If the overall tyre wear is even and consistent, side-to-side on the same axle and front-to-back,  it indicates the tyre pressures have been maintained pretty well and that the steering, suspension, wheel hubs and brakes are in good nick i.e.


 they haven't worn excessively
 they haven't been damaged by potholes or kerbing
 there's no binding or "wobbles".
  In other words, if there's nothing broke, there's nothing to fix.  To keep it that way, I suggested putting everything back as close as possible to the way it was before changing to the new tyres.

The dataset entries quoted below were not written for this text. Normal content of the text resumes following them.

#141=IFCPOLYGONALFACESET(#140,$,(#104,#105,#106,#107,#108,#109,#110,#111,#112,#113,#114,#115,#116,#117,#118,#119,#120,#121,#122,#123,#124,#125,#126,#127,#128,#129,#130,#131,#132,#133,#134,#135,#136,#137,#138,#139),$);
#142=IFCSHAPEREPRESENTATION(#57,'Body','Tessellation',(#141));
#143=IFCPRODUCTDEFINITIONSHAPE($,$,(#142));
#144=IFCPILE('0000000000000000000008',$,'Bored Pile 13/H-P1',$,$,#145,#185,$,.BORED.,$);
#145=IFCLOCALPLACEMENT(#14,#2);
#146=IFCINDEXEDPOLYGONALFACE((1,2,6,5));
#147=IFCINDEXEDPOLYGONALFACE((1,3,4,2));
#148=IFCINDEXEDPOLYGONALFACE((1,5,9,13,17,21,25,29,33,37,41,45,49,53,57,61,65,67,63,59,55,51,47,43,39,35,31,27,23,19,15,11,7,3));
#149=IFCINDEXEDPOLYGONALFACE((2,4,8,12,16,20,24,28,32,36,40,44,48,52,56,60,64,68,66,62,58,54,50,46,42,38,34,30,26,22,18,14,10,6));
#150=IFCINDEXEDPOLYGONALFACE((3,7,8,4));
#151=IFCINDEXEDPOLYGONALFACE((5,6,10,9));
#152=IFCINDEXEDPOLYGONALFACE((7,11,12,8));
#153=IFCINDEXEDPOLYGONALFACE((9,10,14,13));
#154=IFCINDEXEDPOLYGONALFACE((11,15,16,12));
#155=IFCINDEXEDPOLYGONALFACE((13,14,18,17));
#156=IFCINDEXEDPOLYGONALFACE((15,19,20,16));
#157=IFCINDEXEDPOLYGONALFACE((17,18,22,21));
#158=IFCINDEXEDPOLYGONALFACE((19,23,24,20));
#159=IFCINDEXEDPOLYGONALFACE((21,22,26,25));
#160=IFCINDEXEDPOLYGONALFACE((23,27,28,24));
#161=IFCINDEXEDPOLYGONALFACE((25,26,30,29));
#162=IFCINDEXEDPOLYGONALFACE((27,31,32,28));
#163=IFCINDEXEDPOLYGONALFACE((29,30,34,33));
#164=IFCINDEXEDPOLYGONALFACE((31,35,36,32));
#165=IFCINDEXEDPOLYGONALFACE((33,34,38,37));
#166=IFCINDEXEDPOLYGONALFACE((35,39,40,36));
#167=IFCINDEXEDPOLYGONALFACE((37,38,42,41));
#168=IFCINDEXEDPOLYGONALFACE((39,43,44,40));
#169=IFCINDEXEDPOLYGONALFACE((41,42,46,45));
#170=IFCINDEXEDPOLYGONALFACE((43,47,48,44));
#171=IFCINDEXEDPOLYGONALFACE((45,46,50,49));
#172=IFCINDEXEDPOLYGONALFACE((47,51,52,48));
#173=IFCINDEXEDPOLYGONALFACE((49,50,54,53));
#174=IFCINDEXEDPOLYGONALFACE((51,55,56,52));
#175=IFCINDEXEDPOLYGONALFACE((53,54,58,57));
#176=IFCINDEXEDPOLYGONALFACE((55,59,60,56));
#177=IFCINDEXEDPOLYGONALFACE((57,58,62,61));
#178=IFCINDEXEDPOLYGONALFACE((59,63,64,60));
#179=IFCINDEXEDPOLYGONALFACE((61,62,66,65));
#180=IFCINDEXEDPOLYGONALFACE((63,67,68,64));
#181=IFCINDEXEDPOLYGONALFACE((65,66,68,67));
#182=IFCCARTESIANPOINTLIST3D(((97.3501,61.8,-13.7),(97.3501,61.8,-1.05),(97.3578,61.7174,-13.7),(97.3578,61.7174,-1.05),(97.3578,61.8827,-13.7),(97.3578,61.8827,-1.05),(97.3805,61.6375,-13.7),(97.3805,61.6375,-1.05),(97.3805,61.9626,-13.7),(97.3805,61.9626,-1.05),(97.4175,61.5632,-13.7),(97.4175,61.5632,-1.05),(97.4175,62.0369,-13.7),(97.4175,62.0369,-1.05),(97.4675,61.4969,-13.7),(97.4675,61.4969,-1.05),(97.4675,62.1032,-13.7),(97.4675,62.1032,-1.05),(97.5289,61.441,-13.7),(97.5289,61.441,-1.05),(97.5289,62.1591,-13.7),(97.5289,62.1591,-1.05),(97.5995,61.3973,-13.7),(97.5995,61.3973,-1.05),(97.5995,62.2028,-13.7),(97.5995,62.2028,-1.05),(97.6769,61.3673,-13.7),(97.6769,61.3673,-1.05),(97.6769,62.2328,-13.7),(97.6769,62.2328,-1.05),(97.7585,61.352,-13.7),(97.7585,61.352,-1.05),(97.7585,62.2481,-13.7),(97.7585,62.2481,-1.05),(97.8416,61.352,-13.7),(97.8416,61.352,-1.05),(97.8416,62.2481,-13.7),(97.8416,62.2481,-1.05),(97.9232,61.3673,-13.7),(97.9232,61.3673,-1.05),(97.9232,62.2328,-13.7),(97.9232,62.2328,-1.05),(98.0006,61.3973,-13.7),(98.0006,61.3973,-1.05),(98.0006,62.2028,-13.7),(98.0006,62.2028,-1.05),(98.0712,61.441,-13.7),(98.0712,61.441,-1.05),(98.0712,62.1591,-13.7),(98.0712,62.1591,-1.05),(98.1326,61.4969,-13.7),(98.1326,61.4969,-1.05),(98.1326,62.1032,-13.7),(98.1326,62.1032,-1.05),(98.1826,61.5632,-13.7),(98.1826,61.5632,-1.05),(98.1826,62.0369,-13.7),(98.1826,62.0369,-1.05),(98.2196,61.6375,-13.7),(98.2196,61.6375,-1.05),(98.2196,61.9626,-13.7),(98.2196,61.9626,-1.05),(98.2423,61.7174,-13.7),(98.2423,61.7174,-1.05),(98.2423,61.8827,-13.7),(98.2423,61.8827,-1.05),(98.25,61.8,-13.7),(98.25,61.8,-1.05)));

I've posted before about my lack of faith in these "computerised laser-alignment" gizmos, mainly relating to poor or no operator training, lack of machine calibration and out of date vehicle data in the data-base. On my last visit to one of these places I was told that the camber and caster on my car could not be adjusted, which was utter nonsense.


----------



## eggerb (2 Jun 2010)

Cheers Mathepac. I don't think I'd have the balls to go back and ask them to put it back the way it was. I suppose the best I can do is to keep an eye on the tyre wear. I'm a bit disgusted I bothered.



mathepac said:


> ... I've posted before about my lack of faith in these "computerised laser-alignment" gizmos, mainly relating to poor or no operator training, lack of machine calibration and out of date vehicle data in the data-base....


 
I'm driving an A4. I noticed on the print out, they input the car type as an A6 so I pointed this out and the manager guy said that it didn't make a difference as the technician had key-in the values.

Bit more annoyed with myself now


----------



## mathepac (2 Jun 2010)

That sounds like a pile of poo as there are more A4s on the road than A6s. 

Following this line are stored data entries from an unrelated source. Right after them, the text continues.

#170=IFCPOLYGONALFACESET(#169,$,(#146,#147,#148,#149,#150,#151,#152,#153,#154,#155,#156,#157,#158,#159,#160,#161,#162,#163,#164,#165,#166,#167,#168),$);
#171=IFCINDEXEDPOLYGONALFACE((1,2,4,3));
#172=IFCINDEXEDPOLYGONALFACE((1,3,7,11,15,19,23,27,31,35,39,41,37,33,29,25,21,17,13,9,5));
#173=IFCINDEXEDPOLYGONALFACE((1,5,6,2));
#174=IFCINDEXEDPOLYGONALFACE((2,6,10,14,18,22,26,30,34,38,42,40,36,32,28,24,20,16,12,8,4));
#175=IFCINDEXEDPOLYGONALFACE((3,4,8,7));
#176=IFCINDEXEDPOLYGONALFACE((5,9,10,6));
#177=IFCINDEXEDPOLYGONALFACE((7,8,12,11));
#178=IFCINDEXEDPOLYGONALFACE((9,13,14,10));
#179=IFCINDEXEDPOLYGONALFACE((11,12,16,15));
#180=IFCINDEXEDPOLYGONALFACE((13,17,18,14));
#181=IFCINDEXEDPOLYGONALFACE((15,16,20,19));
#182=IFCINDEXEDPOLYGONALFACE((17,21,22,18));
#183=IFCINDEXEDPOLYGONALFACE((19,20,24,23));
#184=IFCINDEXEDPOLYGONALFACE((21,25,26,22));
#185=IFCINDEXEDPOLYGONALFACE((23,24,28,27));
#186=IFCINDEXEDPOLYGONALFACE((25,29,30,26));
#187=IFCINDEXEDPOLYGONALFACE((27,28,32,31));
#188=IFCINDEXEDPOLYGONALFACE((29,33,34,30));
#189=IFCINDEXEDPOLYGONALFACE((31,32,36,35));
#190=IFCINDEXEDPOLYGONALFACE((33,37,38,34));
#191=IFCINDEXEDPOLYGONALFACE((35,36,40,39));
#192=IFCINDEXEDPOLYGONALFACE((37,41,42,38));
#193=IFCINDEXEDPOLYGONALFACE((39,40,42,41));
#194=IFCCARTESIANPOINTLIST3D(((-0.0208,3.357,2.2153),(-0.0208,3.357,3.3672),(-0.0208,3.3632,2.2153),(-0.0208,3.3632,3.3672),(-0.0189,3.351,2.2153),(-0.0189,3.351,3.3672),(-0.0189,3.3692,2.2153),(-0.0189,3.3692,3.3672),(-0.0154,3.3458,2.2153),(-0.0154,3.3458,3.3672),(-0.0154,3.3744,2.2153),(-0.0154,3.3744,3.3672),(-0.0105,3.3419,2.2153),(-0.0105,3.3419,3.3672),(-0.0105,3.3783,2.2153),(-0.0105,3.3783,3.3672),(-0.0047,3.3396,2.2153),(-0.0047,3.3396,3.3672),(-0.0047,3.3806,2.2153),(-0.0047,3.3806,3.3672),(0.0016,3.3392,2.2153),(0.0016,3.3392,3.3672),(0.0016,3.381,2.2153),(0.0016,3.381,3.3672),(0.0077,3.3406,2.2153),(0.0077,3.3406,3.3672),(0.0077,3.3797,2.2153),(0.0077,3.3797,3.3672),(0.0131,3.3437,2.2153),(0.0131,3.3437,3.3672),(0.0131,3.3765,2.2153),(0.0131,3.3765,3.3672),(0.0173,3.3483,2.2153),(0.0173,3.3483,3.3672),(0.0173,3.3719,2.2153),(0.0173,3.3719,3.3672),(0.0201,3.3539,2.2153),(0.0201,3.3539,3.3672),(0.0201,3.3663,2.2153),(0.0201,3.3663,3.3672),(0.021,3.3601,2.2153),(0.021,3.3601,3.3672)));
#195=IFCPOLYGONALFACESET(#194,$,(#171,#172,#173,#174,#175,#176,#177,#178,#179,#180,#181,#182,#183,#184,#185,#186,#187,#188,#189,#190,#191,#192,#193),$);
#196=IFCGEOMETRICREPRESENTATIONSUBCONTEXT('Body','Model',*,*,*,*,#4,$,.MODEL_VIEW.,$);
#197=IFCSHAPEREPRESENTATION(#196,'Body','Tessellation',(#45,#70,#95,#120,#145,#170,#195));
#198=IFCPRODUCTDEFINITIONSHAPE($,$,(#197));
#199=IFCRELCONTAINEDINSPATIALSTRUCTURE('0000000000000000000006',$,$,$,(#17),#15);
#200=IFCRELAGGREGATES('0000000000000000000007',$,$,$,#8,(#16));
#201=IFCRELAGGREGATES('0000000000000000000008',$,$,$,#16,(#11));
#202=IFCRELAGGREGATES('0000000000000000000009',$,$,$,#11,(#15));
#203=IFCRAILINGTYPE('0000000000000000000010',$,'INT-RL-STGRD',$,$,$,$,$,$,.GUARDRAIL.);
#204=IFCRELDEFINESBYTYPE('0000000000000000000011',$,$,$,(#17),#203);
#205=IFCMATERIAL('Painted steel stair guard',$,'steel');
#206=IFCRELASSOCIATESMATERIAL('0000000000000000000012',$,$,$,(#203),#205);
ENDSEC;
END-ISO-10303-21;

You should have the basic data in your Audi user book - I can't remember if its the maintenance schedule booklet or the user manual. Compare the "after" print-out they gave you with the data in the Audi book, they should correspond.

In relation to the car,  as you said watch out for unusual tyre wear, vibrations at speed (possibly wheels not balanced), drifting to one-side or the other on motorways / straights or pulling to one side under braking. If any of these are new, it probably relates to the work the tyre-fitter did. (If they were there before changing the tyres and are now gone, well that's just me talking rubbish again. )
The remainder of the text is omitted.